An overlay for risk management

Policy as code implies that you have something that knows how to interpret and apply the policy. Instead of spreading the interpretation over multiple tool integrations, you use a single integration layer to provide security, hovering protectively over your usual processes.

Critical functions of a security layer in DevSecOps

The security layer in DevSecOps performs several crucial functions:

• It contains and enforces the policy as code. “Policy” here describes what testing should be done, what kinds of results are allowed (or will break the build or deployment), what kinds of findings will be sent to the regular issue-tracking system, what kinds of compliance activities need to happen, and more. Codifying this makes it unambiguous, and having it in one place makes your team nimble in responding to changes. Multiple policies can exist, each reflecting a different kind of application and a different kind of risk profile.
• It performs appropriate testing at specific events in the development pipeline as dictated by the policy, but it is optimized for the current state of the project.
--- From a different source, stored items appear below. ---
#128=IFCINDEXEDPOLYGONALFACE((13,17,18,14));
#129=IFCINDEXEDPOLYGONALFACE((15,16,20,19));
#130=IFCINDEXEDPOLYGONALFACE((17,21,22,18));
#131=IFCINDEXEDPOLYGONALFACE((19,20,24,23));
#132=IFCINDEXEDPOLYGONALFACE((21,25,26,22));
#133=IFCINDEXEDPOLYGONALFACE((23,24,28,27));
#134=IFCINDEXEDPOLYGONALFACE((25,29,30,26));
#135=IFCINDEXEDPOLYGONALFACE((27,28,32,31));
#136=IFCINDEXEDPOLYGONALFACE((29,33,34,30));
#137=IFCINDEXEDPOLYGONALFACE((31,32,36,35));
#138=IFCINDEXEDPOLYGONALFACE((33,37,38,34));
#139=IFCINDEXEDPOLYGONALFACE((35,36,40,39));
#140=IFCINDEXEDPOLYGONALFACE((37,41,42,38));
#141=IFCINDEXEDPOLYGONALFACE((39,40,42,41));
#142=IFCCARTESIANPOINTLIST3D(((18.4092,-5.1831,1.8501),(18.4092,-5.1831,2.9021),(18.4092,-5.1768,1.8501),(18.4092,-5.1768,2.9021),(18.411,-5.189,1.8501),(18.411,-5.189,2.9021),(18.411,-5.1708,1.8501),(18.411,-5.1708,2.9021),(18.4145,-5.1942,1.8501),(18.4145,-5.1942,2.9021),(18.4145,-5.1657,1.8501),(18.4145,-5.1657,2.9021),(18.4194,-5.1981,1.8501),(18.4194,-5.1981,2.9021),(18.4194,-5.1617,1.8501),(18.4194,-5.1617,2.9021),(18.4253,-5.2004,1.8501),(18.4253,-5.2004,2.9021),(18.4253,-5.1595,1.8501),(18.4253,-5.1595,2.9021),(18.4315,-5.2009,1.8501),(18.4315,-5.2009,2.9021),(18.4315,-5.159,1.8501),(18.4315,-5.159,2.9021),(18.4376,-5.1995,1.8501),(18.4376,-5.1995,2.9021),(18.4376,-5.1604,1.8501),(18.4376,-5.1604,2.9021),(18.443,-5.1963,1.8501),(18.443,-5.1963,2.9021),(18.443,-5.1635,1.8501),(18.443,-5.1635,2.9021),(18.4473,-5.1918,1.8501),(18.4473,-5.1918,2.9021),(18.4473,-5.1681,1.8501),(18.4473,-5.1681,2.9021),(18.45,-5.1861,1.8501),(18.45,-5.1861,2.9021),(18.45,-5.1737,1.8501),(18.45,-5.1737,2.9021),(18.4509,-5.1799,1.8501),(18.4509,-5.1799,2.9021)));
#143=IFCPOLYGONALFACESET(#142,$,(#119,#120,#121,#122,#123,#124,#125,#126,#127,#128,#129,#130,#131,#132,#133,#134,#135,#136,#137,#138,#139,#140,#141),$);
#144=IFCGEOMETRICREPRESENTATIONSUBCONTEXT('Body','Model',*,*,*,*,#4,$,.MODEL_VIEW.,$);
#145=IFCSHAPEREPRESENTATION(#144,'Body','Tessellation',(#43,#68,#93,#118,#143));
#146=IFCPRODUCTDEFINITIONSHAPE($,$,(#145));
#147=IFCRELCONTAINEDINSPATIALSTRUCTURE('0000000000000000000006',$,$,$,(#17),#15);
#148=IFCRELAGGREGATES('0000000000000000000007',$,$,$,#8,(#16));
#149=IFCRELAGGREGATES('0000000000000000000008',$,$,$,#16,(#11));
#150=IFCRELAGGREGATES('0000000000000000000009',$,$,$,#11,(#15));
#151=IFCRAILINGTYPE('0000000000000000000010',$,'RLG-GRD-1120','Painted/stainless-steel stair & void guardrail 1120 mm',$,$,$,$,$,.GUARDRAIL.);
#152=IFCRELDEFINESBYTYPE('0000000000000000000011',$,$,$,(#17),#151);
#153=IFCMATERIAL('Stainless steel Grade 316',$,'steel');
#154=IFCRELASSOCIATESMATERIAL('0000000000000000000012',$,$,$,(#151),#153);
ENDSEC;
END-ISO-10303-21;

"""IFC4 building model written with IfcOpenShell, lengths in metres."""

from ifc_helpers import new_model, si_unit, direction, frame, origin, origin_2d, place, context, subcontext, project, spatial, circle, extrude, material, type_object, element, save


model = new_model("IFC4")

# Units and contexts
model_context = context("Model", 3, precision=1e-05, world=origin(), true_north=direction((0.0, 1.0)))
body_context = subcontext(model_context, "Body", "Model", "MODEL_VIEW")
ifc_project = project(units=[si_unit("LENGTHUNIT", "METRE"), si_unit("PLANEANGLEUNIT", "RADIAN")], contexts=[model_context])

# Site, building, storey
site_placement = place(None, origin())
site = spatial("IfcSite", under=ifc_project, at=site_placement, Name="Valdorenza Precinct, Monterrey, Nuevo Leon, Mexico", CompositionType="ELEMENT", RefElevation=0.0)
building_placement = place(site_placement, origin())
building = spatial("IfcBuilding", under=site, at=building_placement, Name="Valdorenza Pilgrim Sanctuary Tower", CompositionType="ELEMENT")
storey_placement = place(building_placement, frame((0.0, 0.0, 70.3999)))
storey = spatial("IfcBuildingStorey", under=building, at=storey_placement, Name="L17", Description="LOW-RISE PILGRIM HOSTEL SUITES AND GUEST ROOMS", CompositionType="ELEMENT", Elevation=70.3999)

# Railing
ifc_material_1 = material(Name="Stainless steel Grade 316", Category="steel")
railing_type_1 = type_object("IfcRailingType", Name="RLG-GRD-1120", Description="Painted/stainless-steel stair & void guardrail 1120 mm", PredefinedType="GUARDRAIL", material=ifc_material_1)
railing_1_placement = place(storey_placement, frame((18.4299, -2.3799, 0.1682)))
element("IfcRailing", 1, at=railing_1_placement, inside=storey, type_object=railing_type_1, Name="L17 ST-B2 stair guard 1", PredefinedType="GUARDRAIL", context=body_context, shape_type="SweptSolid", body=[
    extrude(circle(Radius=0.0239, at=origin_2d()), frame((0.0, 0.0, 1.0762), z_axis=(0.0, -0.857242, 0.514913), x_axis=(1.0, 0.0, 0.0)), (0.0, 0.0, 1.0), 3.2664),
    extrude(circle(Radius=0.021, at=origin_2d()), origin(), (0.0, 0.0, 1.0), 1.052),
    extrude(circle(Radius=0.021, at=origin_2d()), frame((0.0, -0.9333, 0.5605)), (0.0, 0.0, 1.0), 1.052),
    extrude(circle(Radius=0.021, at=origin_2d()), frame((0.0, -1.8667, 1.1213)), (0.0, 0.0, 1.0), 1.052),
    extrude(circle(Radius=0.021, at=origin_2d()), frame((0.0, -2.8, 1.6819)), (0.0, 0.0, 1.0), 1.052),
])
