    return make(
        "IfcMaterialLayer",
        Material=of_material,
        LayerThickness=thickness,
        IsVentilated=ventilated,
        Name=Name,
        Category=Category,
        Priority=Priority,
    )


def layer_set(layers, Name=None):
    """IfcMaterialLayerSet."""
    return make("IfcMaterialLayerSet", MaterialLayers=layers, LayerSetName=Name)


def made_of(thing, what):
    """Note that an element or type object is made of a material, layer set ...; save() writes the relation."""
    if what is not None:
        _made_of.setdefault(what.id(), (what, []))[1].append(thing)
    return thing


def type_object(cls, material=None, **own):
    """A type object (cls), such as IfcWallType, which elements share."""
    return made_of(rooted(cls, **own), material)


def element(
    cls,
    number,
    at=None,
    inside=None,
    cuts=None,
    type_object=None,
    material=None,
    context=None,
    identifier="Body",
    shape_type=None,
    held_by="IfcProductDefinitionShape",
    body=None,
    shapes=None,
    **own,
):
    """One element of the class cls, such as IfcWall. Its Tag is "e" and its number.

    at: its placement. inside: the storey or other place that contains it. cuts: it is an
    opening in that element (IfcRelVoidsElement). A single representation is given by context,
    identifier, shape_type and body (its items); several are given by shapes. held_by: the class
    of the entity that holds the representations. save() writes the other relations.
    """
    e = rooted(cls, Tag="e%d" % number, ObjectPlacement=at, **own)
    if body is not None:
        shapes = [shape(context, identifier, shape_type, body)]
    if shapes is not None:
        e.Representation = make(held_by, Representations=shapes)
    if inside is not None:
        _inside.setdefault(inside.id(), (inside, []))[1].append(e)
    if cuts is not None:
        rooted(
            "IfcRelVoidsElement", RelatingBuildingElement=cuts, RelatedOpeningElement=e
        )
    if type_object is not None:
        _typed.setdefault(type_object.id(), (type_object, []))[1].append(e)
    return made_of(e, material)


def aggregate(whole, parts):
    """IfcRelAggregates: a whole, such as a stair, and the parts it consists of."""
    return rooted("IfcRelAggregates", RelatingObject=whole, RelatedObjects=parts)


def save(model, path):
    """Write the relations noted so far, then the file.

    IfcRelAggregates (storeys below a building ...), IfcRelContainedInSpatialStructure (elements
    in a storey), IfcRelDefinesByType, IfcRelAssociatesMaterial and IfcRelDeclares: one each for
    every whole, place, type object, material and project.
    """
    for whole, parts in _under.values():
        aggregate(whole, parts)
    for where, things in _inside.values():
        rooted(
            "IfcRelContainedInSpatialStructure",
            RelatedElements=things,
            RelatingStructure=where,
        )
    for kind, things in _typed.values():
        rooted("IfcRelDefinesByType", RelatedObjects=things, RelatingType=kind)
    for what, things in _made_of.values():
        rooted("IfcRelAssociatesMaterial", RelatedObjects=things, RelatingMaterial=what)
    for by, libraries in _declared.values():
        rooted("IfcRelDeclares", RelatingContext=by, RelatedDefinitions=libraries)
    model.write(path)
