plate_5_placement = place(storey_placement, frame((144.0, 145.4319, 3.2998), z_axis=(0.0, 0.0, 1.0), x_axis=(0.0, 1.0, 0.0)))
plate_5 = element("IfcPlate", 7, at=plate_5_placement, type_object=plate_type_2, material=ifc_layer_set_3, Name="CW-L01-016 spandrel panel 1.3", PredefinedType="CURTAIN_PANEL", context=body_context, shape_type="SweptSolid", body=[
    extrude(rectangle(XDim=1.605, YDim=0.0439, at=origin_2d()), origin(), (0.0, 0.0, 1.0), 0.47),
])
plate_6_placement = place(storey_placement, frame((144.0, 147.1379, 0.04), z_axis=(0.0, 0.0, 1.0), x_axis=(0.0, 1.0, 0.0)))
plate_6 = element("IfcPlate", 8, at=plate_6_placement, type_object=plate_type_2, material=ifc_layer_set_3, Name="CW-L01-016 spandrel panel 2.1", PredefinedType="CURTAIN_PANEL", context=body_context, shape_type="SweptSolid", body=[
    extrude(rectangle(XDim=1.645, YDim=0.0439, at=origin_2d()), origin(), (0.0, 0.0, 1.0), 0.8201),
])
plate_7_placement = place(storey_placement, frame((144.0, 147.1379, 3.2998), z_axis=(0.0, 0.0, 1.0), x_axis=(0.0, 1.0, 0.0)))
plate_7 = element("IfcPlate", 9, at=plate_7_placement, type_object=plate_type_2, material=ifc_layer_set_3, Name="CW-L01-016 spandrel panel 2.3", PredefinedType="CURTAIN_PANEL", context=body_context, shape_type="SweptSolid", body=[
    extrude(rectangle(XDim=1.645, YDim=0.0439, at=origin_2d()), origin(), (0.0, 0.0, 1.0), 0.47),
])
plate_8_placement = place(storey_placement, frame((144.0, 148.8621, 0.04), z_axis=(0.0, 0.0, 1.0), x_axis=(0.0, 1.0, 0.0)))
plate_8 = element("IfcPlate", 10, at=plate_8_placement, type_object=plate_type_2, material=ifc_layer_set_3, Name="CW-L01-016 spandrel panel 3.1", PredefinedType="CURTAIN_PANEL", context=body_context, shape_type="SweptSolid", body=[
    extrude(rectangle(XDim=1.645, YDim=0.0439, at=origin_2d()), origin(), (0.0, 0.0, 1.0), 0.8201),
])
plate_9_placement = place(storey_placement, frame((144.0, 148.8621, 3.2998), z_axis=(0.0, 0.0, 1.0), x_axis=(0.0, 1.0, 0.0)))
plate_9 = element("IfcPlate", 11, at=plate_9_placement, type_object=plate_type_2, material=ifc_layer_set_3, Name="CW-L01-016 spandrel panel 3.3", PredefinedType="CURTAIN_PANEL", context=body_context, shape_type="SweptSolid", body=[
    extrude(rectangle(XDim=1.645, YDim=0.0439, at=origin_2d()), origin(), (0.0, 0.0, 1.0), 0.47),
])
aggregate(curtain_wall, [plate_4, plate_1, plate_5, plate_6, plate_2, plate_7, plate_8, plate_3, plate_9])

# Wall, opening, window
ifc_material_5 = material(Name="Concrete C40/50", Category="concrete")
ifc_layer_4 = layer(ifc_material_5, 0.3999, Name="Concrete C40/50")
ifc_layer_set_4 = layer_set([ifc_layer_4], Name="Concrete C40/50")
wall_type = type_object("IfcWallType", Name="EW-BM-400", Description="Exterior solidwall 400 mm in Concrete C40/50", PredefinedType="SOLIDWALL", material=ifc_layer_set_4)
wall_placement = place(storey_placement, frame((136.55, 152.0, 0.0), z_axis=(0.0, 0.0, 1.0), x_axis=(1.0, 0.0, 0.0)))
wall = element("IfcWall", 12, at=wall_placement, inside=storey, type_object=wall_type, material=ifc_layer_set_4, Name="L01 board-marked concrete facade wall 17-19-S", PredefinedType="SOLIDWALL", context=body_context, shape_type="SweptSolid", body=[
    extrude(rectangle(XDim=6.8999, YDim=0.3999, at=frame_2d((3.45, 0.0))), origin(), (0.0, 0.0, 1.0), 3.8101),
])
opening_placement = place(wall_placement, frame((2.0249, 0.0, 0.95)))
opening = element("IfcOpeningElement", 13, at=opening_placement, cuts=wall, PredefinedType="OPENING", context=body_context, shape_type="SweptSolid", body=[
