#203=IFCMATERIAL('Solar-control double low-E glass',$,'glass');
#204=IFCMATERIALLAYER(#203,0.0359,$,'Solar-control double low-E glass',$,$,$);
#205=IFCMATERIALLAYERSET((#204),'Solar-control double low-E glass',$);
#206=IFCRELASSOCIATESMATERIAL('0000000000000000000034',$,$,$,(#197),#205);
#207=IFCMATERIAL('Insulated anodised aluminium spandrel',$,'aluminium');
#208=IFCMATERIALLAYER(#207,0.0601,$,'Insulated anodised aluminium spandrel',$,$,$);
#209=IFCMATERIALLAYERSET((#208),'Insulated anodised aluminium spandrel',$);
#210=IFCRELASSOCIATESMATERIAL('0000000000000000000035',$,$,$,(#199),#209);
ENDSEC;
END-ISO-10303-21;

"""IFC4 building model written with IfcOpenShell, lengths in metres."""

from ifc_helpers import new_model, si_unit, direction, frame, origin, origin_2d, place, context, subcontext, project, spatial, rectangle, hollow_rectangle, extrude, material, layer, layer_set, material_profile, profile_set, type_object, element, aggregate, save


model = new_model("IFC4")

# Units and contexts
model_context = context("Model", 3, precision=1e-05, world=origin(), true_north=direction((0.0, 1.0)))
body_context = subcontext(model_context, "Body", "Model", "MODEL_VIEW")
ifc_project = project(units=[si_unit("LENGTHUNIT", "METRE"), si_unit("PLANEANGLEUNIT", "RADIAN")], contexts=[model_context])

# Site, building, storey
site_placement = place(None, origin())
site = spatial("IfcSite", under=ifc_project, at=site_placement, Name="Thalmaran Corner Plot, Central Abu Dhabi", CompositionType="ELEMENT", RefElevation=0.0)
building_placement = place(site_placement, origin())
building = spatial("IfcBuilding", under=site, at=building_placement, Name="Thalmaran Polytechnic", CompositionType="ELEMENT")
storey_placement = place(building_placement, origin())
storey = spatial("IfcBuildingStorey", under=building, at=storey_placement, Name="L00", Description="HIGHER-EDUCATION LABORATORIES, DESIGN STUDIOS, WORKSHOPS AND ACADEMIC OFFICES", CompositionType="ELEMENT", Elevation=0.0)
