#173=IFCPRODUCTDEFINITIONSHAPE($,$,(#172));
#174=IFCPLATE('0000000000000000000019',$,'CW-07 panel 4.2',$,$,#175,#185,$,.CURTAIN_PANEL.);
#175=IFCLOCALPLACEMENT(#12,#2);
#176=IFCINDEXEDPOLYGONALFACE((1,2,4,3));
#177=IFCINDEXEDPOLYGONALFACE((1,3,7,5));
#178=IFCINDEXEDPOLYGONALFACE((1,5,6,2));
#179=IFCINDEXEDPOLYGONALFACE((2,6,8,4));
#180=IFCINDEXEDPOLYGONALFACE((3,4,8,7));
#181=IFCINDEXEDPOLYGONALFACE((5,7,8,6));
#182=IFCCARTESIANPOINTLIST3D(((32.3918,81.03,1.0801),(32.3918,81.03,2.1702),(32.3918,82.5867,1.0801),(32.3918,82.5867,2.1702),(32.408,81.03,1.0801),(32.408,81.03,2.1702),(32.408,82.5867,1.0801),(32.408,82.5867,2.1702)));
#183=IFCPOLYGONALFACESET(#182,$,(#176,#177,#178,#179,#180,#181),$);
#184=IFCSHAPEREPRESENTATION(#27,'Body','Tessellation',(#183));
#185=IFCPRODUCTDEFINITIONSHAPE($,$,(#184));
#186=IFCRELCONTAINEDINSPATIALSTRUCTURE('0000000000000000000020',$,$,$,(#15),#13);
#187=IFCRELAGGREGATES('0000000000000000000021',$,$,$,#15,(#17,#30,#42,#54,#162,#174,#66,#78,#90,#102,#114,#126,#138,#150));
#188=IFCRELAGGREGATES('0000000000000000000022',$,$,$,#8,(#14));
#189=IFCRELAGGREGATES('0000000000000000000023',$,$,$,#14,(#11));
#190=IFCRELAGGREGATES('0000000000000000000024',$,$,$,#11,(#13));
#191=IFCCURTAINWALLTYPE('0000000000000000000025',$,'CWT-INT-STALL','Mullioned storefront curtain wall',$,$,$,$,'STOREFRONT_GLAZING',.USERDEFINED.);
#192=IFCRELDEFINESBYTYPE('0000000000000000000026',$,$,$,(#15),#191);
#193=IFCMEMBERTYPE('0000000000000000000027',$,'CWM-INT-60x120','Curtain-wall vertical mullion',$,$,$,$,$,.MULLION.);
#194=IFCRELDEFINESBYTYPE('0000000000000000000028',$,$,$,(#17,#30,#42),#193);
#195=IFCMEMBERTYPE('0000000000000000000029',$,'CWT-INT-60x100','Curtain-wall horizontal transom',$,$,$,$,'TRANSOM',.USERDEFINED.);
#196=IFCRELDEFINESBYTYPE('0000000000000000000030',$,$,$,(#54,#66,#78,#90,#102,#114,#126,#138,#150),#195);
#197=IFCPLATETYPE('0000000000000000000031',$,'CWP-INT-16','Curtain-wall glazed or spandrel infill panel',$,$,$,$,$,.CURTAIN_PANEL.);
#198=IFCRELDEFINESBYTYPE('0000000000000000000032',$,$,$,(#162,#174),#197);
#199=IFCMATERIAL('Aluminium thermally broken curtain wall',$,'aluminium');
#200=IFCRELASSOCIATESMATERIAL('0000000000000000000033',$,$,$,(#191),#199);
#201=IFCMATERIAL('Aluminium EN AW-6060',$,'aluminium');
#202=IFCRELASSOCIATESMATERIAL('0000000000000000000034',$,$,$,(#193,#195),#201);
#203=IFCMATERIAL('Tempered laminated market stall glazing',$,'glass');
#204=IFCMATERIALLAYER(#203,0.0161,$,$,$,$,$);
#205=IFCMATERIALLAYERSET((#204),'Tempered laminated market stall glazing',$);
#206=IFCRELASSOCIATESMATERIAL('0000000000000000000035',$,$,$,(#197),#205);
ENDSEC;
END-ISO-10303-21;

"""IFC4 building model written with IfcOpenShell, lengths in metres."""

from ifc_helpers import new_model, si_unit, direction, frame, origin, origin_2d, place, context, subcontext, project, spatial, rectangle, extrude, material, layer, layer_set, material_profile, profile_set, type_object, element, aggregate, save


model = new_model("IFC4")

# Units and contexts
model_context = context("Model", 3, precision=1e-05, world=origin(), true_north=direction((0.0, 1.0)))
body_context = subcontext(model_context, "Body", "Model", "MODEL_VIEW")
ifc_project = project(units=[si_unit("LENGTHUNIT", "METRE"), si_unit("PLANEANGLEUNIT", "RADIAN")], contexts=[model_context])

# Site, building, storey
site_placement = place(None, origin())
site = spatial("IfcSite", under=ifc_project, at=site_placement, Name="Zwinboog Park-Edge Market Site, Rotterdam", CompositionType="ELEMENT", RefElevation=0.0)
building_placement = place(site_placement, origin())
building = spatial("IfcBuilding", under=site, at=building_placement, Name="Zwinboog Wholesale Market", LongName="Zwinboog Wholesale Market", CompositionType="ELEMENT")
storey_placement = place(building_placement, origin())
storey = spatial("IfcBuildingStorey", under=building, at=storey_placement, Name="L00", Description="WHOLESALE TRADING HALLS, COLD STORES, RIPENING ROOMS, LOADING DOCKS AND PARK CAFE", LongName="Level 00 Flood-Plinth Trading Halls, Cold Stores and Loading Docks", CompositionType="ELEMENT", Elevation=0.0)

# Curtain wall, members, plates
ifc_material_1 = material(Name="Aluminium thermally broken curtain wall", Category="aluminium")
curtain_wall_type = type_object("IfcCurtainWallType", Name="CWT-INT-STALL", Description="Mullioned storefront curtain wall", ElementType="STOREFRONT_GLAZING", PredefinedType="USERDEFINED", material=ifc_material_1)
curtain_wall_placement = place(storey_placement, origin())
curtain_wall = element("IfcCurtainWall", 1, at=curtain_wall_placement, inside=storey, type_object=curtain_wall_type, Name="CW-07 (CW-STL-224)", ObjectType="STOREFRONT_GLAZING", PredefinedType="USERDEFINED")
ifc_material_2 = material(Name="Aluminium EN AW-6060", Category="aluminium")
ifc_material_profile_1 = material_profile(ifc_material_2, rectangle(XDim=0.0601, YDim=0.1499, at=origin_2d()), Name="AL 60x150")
The security layer handles the integrations with the tools.
• It normalizes results from the security tools. As directed by the policy, it feeds findings into your normal issue-tracking system, where they can be handled like any other issues.

From your existing pipeline, integration is now an order of magnitude easier. Lightweight integrations to the security layer happen at specific events, such as a merge request. The security layer is designed to simplify integration and allow you to answer fundamental questions.

• When should I do the security stuff? At events such as repository commit or repository merge request, your pipeline asks the security layer to perform security testing. The security layer can work some powerful magic, which we call intelligent orchestration. First, it consults the policy to understand what security testing is appropriate. Based on the policy, the testing that has already been done, and some common sense about what has actually changed, the security layer can optimize how the testing is done. For example, if the developer has just committed a change to a CSS file, intelligent orchestration will realize that a full SAST scan and a full SCA scan are unnecessary. For changes to a few Java source files in a specific module, incremental SAST can be performed to optimize speed.
• Am I compliant? The development pipeline can ask the security layer to issue a judgement about whether the project complies with the policy.
• What do I need to fix? The database of aggregated results supplies your issue-tracker, but it can also serve as a valuable source of intelligence for those colorful dashboards that make executives so very happy.
• How are we doing with security? You can categorize findings by severity, examine them through the lens of CWE Top 25 or OWASP Top 10, or filter and sort them any way you please. You can pull results into analytic tools like Tableau or Power BI and slice and dice them as needed. You can make graphs that show your bugs (and risk) drifting downward as your team works through security issues.

Using a security integration layer also simplifies adding new security testing tools or swapping out existing tools. Each new tool is integrated into the security layer, but the interface between the development pipeline and the security layer remains unchanged.

Poised for the future

Software security is an exciting, dynamic field. If you’re trying to build a DevSecOps strategy, pinning down the tools and processes you need might be challenging. Treating security holistically as its own layer can help ease your integrations and make your process resilient to future innovations in the field. Let’s say somebody discovers a whole new way to do security testing. Or more prosaically, maybe you just want to incorporate an additional type of testing or an additional tool. With a security layer, the integrations in your development process don’t have to change at all. You just need to integrate from the security layer to the new tool and perhaps adjust your policies.